Muting Rules

Muting rules in Nightingale monitoring (menu entry: Alerts - Rule Management - Muting Rules TAB) are typically used in the following scenarios:

  • To pre-block expected alerts, typically during maintenance activities, such as restarting a machine and pre-muting alerts related to that machine in advance
  • For issues that cannot be fixed immediately but are already known; continuous alert notifications are unnecessary, so temporary muting is applied

Principle

After an alert event is generated by the alert engine, it will first go through the judgment of muting rules before being persisted to the database. If it matches a muting rule, it will not be persisted to the database, let alone notify users. The working timing is as shown in the following figure:

Nightingale Muting Rule Working Timing

A muting rule is essentially a set of filter conditions used to filter the alert events that need to be muted.

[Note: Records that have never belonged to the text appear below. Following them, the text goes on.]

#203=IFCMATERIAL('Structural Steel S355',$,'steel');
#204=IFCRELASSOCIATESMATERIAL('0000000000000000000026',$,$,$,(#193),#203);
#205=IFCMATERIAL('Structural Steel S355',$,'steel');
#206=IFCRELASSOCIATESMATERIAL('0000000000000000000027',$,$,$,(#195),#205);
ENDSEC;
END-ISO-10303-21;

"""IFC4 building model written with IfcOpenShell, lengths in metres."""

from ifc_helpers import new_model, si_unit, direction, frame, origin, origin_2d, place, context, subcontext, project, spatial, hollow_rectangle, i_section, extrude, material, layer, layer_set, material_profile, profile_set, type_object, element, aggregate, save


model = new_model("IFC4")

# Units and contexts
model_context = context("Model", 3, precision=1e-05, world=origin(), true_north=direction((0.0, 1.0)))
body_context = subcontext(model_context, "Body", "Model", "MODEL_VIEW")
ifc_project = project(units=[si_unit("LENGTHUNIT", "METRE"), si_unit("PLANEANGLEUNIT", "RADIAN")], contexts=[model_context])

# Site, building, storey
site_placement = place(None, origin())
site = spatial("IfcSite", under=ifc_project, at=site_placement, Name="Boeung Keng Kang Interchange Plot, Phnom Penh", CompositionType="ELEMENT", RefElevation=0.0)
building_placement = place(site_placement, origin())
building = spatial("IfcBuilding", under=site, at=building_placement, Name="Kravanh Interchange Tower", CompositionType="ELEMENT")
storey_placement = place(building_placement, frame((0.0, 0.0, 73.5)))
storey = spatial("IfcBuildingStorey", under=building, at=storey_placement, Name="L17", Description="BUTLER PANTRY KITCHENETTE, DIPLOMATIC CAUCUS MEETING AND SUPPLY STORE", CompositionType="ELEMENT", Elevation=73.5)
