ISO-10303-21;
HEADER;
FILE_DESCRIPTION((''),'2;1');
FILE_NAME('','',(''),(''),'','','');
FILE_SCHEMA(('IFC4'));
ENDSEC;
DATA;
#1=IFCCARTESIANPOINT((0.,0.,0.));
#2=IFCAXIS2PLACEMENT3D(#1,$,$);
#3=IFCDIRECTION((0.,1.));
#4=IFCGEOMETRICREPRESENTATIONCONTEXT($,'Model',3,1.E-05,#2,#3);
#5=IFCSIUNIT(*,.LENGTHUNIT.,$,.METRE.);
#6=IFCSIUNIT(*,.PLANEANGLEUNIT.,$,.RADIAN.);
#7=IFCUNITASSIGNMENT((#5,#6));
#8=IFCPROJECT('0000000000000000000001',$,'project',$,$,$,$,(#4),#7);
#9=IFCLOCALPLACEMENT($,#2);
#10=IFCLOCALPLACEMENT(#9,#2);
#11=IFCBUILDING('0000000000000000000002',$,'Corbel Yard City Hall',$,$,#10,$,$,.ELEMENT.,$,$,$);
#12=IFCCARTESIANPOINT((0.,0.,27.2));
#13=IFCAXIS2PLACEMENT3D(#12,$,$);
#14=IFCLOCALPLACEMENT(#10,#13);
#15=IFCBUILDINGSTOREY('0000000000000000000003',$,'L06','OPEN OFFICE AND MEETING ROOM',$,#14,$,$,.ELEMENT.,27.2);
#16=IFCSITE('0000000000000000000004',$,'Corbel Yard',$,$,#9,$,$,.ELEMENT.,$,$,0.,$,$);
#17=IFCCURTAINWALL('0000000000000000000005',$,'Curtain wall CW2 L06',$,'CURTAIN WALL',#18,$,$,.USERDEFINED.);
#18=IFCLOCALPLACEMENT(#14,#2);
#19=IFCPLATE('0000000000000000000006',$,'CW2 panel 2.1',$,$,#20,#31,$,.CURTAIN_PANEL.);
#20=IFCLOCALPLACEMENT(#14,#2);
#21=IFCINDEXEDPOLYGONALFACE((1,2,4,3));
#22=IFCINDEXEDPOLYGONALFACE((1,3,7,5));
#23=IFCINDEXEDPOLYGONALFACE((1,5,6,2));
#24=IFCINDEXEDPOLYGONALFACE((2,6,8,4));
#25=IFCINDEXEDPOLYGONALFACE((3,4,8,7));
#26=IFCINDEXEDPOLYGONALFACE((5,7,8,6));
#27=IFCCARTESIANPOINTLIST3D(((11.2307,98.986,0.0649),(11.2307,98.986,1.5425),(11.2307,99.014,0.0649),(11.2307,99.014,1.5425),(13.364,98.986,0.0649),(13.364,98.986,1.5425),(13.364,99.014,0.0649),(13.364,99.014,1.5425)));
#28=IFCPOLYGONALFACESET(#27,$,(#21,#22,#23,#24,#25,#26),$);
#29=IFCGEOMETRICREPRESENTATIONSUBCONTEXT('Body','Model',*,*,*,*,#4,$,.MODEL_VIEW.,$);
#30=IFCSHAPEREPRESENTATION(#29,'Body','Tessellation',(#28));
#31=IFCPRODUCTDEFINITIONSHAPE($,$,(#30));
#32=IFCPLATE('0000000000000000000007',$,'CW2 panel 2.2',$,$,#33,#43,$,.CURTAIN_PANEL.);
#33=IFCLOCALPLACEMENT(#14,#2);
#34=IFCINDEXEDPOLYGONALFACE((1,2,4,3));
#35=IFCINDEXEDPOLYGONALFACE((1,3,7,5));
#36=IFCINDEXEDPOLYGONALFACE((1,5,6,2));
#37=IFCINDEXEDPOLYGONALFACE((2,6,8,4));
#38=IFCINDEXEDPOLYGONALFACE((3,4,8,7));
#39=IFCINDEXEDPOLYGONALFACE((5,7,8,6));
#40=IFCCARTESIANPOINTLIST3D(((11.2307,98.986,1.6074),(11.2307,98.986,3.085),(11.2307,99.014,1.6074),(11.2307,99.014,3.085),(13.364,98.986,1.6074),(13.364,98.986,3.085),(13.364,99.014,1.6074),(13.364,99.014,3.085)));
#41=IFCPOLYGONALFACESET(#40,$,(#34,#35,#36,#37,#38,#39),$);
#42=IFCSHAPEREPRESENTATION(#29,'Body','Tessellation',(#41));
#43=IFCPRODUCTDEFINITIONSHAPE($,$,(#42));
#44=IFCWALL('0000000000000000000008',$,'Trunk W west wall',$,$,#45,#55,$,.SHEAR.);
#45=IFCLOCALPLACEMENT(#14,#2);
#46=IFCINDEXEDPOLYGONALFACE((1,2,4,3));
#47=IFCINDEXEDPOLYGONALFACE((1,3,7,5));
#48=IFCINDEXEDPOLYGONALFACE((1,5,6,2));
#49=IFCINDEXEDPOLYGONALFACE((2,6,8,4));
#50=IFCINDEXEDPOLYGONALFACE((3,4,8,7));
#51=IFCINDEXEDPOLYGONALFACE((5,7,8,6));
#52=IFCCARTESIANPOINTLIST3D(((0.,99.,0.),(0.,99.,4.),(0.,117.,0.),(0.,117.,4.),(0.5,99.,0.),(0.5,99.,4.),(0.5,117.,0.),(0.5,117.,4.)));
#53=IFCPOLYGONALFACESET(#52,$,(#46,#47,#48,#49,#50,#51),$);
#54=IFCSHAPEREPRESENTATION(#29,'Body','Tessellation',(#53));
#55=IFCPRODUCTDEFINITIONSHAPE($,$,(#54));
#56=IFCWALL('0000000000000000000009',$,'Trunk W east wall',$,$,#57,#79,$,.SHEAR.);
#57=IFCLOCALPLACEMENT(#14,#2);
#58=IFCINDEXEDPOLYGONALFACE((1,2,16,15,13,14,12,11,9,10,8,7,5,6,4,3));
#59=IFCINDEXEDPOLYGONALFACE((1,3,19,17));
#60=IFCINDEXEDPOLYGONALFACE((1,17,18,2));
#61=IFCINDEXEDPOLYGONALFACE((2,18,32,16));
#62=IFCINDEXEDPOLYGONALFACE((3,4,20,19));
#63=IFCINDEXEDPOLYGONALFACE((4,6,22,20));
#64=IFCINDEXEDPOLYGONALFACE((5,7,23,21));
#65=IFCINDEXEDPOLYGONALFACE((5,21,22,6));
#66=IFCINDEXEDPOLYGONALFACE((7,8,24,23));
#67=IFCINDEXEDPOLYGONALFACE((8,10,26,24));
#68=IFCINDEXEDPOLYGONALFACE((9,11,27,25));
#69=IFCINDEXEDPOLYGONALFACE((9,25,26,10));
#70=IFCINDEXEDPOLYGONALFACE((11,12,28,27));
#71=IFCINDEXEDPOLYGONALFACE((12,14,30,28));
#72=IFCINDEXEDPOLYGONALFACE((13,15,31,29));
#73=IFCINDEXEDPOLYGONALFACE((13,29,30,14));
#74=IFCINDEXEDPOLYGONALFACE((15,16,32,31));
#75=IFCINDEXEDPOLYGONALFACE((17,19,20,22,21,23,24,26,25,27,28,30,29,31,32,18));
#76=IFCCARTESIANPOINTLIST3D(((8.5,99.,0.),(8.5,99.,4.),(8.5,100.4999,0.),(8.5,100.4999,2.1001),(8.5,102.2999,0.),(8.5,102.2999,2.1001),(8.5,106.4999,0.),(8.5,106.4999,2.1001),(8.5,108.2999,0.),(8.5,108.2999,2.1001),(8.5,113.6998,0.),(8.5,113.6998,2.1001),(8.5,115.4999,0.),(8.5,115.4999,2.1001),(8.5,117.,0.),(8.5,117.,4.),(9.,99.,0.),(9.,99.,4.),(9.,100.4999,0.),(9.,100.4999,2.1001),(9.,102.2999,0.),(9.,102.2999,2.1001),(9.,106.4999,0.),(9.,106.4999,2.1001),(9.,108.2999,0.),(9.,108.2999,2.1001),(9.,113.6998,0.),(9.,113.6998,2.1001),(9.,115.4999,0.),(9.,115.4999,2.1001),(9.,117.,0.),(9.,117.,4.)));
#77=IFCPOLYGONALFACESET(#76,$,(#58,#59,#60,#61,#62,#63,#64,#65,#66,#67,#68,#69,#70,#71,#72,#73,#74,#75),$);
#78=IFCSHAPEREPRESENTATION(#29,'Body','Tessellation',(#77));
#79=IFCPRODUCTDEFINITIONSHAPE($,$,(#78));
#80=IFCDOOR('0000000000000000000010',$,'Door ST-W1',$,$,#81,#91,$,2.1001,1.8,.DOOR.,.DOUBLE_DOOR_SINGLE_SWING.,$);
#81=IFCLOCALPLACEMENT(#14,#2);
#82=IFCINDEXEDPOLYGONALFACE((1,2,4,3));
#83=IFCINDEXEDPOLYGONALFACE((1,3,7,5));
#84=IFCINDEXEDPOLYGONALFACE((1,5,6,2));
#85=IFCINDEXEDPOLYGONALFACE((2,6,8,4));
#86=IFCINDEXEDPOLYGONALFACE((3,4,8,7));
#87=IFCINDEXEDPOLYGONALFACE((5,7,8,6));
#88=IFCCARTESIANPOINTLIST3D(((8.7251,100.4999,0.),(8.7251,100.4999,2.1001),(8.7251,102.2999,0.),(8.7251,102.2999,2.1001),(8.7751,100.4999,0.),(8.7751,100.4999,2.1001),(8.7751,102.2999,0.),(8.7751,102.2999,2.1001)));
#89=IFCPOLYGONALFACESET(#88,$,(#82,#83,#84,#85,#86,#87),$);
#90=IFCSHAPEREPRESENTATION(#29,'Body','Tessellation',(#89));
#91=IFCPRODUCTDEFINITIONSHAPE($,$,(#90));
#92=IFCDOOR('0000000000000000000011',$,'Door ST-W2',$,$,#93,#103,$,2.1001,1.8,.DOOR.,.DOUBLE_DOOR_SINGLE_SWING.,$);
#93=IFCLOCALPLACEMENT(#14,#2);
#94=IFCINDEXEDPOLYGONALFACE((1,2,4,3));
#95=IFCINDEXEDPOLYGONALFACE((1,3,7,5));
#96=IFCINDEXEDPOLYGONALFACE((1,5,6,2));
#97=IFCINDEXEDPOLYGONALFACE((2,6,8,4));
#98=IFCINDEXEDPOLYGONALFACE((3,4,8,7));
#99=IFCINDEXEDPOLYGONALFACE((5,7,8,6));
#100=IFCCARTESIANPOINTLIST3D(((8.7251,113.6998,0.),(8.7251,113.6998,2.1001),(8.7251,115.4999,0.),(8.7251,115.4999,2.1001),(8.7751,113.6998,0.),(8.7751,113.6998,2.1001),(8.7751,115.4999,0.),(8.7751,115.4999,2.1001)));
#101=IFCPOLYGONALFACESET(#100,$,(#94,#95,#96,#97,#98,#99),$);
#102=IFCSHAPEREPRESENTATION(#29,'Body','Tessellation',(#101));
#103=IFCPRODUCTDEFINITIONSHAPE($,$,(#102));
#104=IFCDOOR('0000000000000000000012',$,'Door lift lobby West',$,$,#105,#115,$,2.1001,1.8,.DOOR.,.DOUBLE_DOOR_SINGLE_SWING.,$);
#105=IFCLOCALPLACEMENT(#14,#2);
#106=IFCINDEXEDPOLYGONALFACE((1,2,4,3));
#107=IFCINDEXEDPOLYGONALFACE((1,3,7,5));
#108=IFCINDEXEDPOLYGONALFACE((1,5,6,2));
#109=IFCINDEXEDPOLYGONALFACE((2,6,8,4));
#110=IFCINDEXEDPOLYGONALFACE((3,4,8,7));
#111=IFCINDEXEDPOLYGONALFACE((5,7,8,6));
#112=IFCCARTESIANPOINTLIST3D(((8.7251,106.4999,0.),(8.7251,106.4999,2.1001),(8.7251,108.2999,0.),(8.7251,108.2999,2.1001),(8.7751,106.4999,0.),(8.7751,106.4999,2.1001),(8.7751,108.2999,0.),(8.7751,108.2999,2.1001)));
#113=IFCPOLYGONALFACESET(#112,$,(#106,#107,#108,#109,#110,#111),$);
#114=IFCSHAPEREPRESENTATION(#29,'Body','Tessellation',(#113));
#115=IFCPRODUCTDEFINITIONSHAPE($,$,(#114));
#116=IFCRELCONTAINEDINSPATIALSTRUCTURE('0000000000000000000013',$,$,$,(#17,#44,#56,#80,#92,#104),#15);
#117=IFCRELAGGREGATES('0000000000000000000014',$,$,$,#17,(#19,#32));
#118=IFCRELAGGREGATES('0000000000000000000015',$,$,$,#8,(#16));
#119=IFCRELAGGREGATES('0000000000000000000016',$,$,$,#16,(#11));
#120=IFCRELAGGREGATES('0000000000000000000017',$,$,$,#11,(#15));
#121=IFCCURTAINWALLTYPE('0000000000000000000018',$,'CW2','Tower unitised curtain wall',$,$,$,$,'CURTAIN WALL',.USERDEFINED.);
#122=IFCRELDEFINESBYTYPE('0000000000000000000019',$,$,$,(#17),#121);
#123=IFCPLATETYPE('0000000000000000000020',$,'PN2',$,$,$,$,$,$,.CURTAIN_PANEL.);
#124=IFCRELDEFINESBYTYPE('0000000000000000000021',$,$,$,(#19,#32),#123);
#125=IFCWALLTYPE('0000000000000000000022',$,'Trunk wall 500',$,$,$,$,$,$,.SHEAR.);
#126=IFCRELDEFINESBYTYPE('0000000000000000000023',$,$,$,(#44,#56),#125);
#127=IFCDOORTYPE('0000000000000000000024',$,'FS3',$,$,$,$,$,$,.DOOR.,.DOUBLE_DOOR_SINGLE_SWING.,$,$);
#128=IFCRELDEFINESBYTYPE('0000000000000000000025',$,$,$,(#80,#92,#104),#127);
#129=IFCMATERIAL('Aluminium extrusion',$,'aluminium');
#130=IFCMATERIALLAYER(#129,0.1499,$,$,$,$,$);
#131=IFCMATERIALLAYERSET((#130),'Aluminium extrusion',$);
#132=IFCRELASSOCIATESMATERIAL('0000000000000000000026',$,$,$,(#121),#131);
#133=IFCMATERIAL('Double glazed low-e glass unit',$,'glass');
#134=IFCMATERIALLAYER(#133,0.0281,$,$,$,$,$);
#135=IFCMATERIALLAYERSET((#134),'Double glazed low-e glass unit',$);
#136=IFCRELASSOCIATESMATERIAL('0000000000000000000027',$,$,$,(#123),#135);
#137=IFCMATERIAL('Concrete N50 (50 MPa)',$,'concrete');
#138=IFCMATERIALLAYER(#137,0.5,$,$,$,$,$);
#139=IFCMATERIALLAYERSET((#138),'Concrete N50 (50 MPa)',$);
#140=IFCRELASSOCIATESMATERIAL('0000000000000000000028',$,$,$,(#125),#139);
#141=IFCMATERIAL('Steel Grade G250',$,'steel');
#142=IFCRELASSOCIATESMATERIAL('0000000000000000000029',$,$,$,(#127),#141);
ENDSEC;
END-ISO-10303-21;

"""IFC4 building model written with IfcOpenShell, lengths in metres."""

from ifc_helpers import new_model, si_unit, direction, frame, frame_2d, origin, origin_2d, place, context, subcontext, project, spatial, rectangle, extrude, material, layer, layer_set, type_object, element, fill, aggregate, save


model = new_model("IFC4")

# Units and contexts
model_context = context("Model", 3, precision=1e-05, world=origin(), true_north=direction((0.0, 1.0)))
body_context = subcontext(model_context, "Body", "Model", "MODEL_VIEW")
ifc_project = project(units=[si_unit("LENGTHUNIT", "METRE"), si_unit("PLANEANGLEUNIT", "RADIAN")], contexts=[model_context])

# Site, building, storey
site_placement = place(None, origin())
site = spatial("IfcSite", under=ifc_project, at=site_placement, Name="Corbel Yard", CompositionType="ELEMENT", RefElevation=0.0)
building_placement = place(site_placement, origin())
building = spatial("IfcBuilding", under=site, at=building_placement, Name="Corbel Yard City Hall", CompositionType="ELEMENT")
storey_placement = place(building_placement, frame((0.0, 0.0, 27.2)))
storey = spatial("IfcBuildingStorey", under=building, at=storey_placement, Name="L06", Description="OPEN OFFICE AND MEETING ROOM", CompositionType="ELEMENT", Elevation=27.2)

# Curtain wall, plates
ifc_material_1 = material(Name="Aluminium extrusion", Category="aluminium")
ifc_layer_1 = layer(ifc_material_1, 0.1499)
ifc_layer_set_1 = layer_set([ifc_layer_1], Name="Aluminium extrusion")
curtain_wall_type = type_object("IfcCurtainWallType", Name="CW2", Description="Tower unitised curtain wall", ElementType="CURTAIN WALL", PredefinedType="USERDEFINED", material=ifc_layer_set_1)
curtain_wall_placement = place(storey_placement, origin())
curtain_wall = element("IfcCurtainWall", 1, at=curtain_wall_placement, inside=storey, type_object=curtain_wall_type, Name="Curtain wall CW2 L06", ObjectType="CURTAIN WALL", PredefinedType="USERDEFINED")
ifc_material_2 = material(Name="Double glazed low-e glass unit", Category="glass")
ifc_layer_2 = layer(ifc_material_2, 0.0281)
ifc_layer_set_2 = layer_set([ifc_layer_2], Name="Double glazed low-e glass unit")
plate_type = type_object("IfcPlateType", Name="PN2", PredefinedType="CURTAIN_PANEL", material=ifc_layer_set_2)
plate_1_placement = place(storey_placement, frame((12.2974, 99.0, 0.0649), z_axis=(0.0, 0.0, 1.0), x_axis=(1.0, 0.0, 0.0)))
plate_1 = element("IfcPlate", 2, at=plate_1_placement, type_object=plate_type, Name="CW2 panel 2.1", PredefinedType="CURTAIN_PANEL", context=body_context, shape_type="SweptSolid", body=[
    extrude(rectangle(XDim=2.1333, YDim=0.0281, at=origin_2d()), origin(), (0.0, 0.0, 1.0), 1.4775),
])
plate_2_placement = place(storey_placement, frame((12.2974, 99.0, 1.6074), z_axis=(0.0, 0.0, 1.0), x_axis=(1.0, 0.0, 0.0)))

The filtering is based on the attributes and labels of the alert events. For example:

  • Which data source the event comes from
  • The severity level of the event
  • The labels of the event

Here is an example:

Example of Nightingale Muting Rule Configuration
  • Data source type: Prometheus; only alert events with the data source type Prometheus will be muted
  • Data source: Not configured, meaning no restriction
  • Event level: All three levels are checked, indicating that alert events of all levels will be muted
  • Event labels: Two labels are configured, which is equivalent to: ident in ("10,1.2.3", "10.1.2.4") and rulename =~ "downtime"

All the above filter conditions are in an and relationship, meaning an event will be muted only if it meets all the conditions.

FAQ

1. Why can I still see related alert events even after configuring a muting rule?

This is usually because the event was generated before the muting rule was configured. Muting rules are a post-remedial measure and cannot affect events that have already been generated.

2. Multiple conditions in event labels are also in an and relationship, but users may not understand this

As shown in the following figure, the user configured two entries in the event label filtering, both with the label key ident:

Example of Incorrect Event Label Configuration for Nightingale Muting Rules

The user intended to mute either of the two machines 10.1.2.113 and 10.1.2.114, but contrary to expectations, the relationship here is and, which is equivalent to: ident = "10.1.2.113" and ident = "10.1.2.114". Obviously, this condition will never match any event. In fact, the user should use the in operator, as shown below:

Example of Correct Event Label Configuration for Nightingale Muting Rules

3. The effective scope of a muting rule is limited to the current business group

This is actually prompted on the page. To avoid misoperations, the effective scope of a muting rule is limited to the current business group. That is, a muting rule can only mute alert events under the current business group, and alert events under other business groups will not be affected.

In other words: If a muting rule and an alert rule belong to different business groups, the muting rule will not take effect on the alert rule.

If a muting rule took effect globally, it would be dangerous. For example, if a user arbitrarily configured an alert rule with filter conditions that could match all alert events, all alert events of the company would be muted.